President Obama and House Republicans appear to be closing in on a deal to avert the fiscal cliff, but liberals are not happy with it.
Late last night, the White House offered a plan with two major concessions to Republicans. First, it would hike taxes on the wealthy, but only on income above $400,000, instead of the current $250,000 threshold. Second, and far more controversially, Obama offered to change the formula used to calculate Social Security benefits in a way that would cut outlays to seniors slightly while saving the program $225 billion over a decade.
The reaction from liberals, who have been demanding all along that social safety net programs be off the table, was swift and fierce. "This is a cut affecting every single beneficiary -- widows, orphans, people with disabilities and many others. It is a cut which hurts the most those who are most vulnerable: the oldest of the old, those disabled at the youngest ages, and the poorest of the poor. Perhaps fittingly, this will be done during the holiday season, when the American people are distracted," Nancy Altman, the founding co-director of the advocacy group Social Security Works, said in a statement.
“They will cut Social Security not openly but by stealth -- through a cruel cut known colloquially as the chained CPI,” she added.
The CPI, or cost of living index, is used to make sure benefits keep pace with inflation, but there are lots of different ways to calculate it. The current measure, called the CPI-W, is generally accepted to overestimate inflation, but the liberals say the proposed alternative, the chained CPI, is too stingy. The chained CPI assumes seniors will adjust their buying habits in response to price shifts (e.g., if the price of oranges goes up, they’ll buy more apples), so they should be able to afford to take a haircut on benefit checks. But liberals say that seniors often barely make ends meet with current benefit levels, so cutting them more would be devastating.
Democratic Rep. Keith Ellison, the chairman of the Congressional Progressive Caucus, noted that 102 House Democrats have already said that Social Security changes should be kept off the table in these negotiations. “Everyone has a grandparent, a friend or a neighbor who relies on the Social Security benefits they earned to pay for medical care, food and housing. A move towards chained CPI would be a long-term benefit cut for every single person who receives a Social Security check,” he said in a statement.
The chained CPI would cut about $6,000 worth of benefits in the first 15 years of retirement for the average 65-year-old, and $16,000 over 25 years. “This change would be devastating to beneficiaries, especially widowed women, more than a third of whom rely on the program for 90 percent of their income and use every single dollar of the Social Security checks they've earned,” Ellison added.
Rep. Barbara Lee, a former Black Caucus and Progressive Caucus co-chair, responded to the news on Twitter: “Reducing COLA is a Social Security benefit cut. Any deal that cuts Social Security, Medicare, or Medicaid benefits is unacceptable.”
Outside progressive groups, meanwhile, have been threatening to mobilize against the White House if entitlement cuts are included in a deal. "It would be a massive betrayal if the White House went back on its promise to both protect Social Security benefits and end the Bush tax cuts for the wealthiest 2 percent of Americans," Becky Bond, political director of CREDO, said in a statement
CREDO, the grass-roots organizing group funded by its cellphone business, has been increasingly active, mobilizing in 10 key House races during the election and leading a march against the NRA yesterday. "When it comes to the fight necessary to make his campaign promises a political reality, the president has said it's up to us to 'make him do it.' We're putting the president on notice that we will fight to stop any deal -- including the one on the table right now -- that goes back on his promise to oppose cuts to Social Security benefits and to end the Bush tax cuts for people making over $250,000 a year," Bond added.
Previously, progressive groups have told Salon that they would consider mounting primary campaigns against members who supported cuts to entitlement programs.
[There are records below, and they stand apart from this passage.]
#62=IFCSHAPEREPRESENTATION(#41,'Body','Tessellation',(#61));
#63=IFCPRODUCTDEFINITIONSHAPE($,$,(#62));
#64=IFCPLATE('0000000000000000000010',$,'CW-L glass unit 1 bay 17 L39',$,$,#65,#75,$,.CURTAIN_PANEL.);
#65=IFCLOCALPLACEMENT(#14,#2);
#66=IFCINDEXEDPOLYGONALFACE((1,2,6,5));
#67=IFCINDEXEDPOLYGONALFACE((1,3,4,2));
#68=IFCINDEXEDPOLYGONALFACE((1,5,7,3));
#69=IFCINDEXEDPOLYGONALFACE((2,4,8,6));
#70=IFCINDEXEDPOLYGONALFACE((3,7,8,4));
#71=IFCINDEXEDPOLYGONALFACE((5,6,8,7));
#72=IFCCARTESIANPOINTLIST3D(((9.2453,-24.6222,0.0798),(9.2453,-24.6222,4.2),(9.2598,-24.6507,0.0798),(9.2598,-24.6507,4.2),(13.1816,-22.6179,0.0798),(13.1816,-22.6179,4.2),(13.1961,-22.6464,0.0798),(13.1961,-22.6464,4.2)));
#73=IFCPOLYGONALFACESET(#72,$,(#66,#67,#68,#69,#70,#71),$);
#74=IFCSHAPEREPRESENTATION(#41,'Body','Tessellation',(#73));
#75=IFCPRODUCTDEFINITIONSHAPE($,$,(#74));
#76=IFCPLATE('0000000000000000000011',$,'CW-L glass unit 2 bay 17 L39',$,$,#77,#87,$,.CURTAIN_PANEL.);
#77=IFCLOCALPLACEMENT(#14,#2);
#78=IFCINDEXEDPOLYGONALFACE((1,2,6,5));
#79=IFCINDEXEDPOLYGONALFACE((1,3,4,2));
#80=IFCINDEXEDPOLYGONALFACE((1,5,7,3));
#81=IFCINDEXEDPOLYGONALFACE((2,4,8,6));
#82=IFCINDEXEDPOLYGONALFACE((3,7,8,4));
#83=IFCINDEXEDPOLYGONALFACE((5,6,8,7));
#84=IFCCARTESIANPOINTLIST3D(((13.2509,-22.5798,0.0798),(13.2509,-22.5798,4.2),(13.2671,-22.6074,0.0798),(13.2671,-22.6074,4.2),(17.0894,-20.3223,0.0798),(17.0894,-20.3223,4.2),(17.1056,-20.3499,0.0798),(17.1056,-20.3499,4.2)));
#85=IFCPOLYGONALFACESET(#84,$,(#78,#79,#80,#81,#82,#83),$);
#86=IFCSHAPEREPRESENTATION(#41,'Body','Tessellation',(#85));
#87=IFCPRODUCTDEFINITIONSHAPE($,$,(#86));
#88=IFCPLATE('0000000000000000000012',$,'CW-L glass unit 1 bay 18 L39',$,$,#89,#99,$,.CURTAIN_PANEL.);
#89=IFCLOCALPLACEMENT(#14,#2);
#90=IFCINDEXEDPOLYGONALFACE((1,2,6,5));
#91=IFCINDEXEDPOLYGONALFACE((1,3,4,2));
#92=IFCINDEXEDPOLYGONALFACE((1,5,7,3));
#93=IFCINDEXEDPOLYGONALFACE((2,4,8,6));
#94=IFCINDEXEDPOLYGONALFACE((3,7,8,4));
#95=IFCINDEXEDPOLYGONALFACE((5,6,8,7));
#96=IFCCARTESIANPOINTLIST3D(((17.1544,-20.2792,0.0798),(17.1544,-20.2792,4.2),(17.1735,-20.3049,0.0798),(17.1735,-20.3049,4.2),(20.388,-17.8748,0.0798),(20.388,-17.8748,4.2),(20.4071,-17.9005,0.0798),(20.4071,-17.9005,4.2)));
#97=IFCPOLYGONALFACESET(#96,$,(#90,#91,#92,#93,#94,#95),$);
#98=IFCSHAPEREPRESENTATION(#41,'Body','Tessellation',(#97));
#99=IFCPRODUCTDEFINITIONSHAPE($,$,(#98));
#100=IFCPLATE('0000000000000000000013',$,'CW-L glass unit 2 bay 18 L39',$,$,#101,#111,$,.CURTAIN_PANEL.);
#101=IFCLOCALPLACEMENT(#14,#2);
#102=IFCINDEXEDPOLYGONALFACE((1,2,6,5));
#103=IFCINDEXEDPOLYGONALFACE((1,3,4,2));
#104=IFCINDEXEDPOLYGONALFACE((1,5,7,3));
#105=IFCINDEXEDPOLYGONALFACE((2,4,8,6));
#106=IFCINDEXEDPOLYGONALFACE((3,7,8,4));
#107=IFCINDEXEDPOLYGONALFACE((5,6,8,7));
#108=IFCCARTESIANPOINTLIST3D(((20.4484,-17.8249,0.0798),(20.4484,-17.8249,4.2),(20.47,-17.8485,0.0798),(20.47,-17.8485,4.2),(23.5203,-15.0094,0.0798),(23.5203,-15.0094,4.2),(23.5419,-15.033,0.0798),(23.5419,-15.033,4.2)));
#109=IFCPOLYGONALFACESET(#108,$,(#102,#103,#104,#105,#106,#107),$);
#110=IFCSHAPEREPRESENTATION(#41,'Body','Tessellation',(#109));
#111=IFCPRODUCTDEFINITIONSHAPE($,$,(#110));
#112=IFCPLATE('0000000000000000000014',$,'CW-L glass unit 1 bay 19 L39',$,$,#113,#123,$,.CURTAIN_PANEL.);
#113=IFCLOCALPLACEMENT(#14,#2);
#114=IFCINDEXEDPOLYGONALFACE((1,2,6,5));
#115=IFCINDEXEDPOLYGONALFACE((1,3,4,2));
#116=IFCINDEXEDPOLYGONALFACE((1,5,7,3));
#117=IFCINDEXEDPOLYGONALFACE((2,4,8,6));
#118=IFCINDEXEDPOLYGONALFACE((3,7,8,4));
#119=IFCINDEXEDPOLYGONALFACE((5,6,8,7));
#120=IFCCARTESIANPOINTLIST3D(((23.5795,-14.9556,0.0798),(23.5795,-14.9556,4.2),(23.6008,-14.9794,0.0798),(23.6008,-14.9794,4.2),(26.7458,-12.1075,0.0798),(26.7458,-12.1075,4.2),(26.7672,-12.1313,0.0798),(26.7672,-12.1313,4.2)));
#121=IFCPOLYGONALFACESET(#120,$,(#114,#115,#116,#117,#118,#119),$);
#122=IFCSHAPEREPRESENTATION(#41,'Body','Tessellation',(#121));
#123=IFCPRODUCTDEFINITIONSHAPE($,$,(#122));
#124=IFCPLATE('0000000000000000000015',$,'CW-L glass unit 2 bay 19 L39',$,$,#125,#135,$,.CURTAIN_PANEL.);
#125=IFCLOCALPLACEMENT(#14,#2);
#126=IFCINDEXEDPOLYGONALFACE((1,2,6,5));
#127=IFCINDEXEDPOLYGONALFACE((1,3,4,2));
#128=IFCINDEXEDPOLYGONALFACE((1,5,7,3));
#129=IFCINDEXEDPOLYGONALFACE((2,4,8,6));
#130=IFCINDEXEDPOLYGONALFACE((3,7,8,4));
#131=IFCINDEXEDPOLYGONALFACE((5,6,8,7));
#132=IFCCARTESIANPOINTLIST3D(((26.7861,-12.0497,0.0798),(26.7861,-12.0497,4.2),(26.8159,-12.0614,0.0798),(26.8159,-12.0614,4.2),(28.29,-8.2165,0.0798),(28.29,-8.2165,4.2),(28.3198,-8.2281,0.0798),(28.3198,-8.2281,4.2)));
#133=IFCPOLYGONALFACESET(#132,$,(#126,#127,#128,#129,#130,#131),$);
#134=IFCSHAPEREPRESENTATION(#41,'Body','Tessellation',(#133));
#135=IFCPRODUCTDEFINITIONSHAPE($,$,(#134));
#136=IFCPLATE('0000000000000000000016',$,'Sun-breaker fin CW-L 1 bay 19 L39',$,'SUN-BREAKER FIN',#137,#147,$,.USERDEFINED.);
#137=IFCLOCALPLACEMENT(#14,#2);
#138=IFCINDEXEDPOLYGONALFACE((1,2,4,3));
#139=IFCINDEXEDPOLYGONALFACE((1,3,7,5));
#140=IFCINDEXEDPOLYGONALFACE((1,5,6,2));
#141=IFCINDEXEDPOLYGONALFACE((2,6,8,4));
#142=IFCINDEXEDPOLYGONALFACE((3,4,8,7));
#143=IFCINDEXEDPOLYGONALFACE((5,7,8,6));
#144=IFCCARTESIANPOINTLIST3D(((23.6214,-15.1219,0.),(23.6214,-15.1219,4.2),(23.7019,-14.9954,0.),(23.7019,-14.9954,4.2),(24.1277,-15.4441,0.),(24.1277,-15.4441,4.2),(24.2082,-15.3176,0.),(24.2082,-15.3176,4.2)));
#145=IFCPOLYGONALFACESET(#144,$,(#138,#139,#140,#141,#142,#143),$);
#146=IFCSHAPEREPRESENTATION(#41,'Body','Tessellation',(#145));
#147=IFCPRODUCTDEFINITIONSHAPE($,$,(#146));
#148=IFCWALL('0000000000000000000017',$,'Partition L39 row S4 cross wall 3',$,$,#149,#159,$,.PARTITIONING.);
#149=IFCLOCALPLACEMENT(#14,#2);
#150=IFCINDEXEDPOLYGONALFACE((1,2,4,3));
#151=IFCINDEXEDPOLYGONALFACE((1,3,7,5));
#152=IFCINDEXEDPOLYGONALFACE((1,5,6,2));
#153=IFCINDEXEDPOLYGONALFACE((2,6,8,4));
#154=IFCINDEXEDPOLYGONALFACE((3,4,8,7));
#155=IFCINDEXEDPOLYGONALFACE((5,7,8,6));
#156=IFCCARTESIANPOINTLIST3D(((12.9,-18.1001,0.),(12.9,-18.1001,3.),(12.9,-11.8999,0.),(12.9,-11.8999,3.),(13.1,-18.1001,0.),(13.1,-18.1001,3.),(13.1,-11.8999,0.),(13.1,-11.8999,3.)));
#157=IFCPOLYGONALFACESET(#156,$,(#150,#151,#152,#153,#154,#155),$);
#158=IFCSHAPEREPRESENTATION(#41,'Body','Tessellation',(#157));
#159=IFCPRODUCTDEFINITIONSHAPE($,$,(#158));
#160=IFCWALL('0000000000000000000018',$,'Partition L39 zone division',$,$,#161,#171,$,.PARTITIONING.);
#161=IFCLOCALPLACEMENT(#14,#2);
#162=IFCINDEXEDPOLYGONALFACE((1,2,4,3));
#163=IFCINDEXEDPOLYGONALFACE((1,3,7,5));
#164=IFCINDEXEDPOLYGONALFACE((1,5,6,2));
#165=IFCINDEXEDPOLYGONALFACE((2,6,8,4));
In the past weeks, the groups, along with labor unions, have been running ads and sending emails to pressure members to leave social safety net programs alone.
MoveOn.org executive director Justin Ruben noted that Senate Majority Leader Harry Reid told reporters in November that Democrats were “not going to mess with Social Security.” MoveOn’s millions of members, he said, “see any fiscal agreement that cuts such benefits as a betrayal that sells out working- and middle-class families -- whether the cuts come via a chained CPI, increased Medicare eligibility age, or in some other form.”
The group sent an action alert to supporters this morning asking them to call Reid and tell him, "We need you to stop any deal that cuts Social Security benefits."
Stephanie Taylor, the co-founder of the Progressive Change Campaign Committee, said the chained CPI plan is "unacceptable." A labor source called it “insanity.”
As Matt Yglesias pointed out this morning, the chained CPI is also unpopular, with 60 percent opposed to “changing Social Security to increase at a slower rate” and only 34 percent in favor.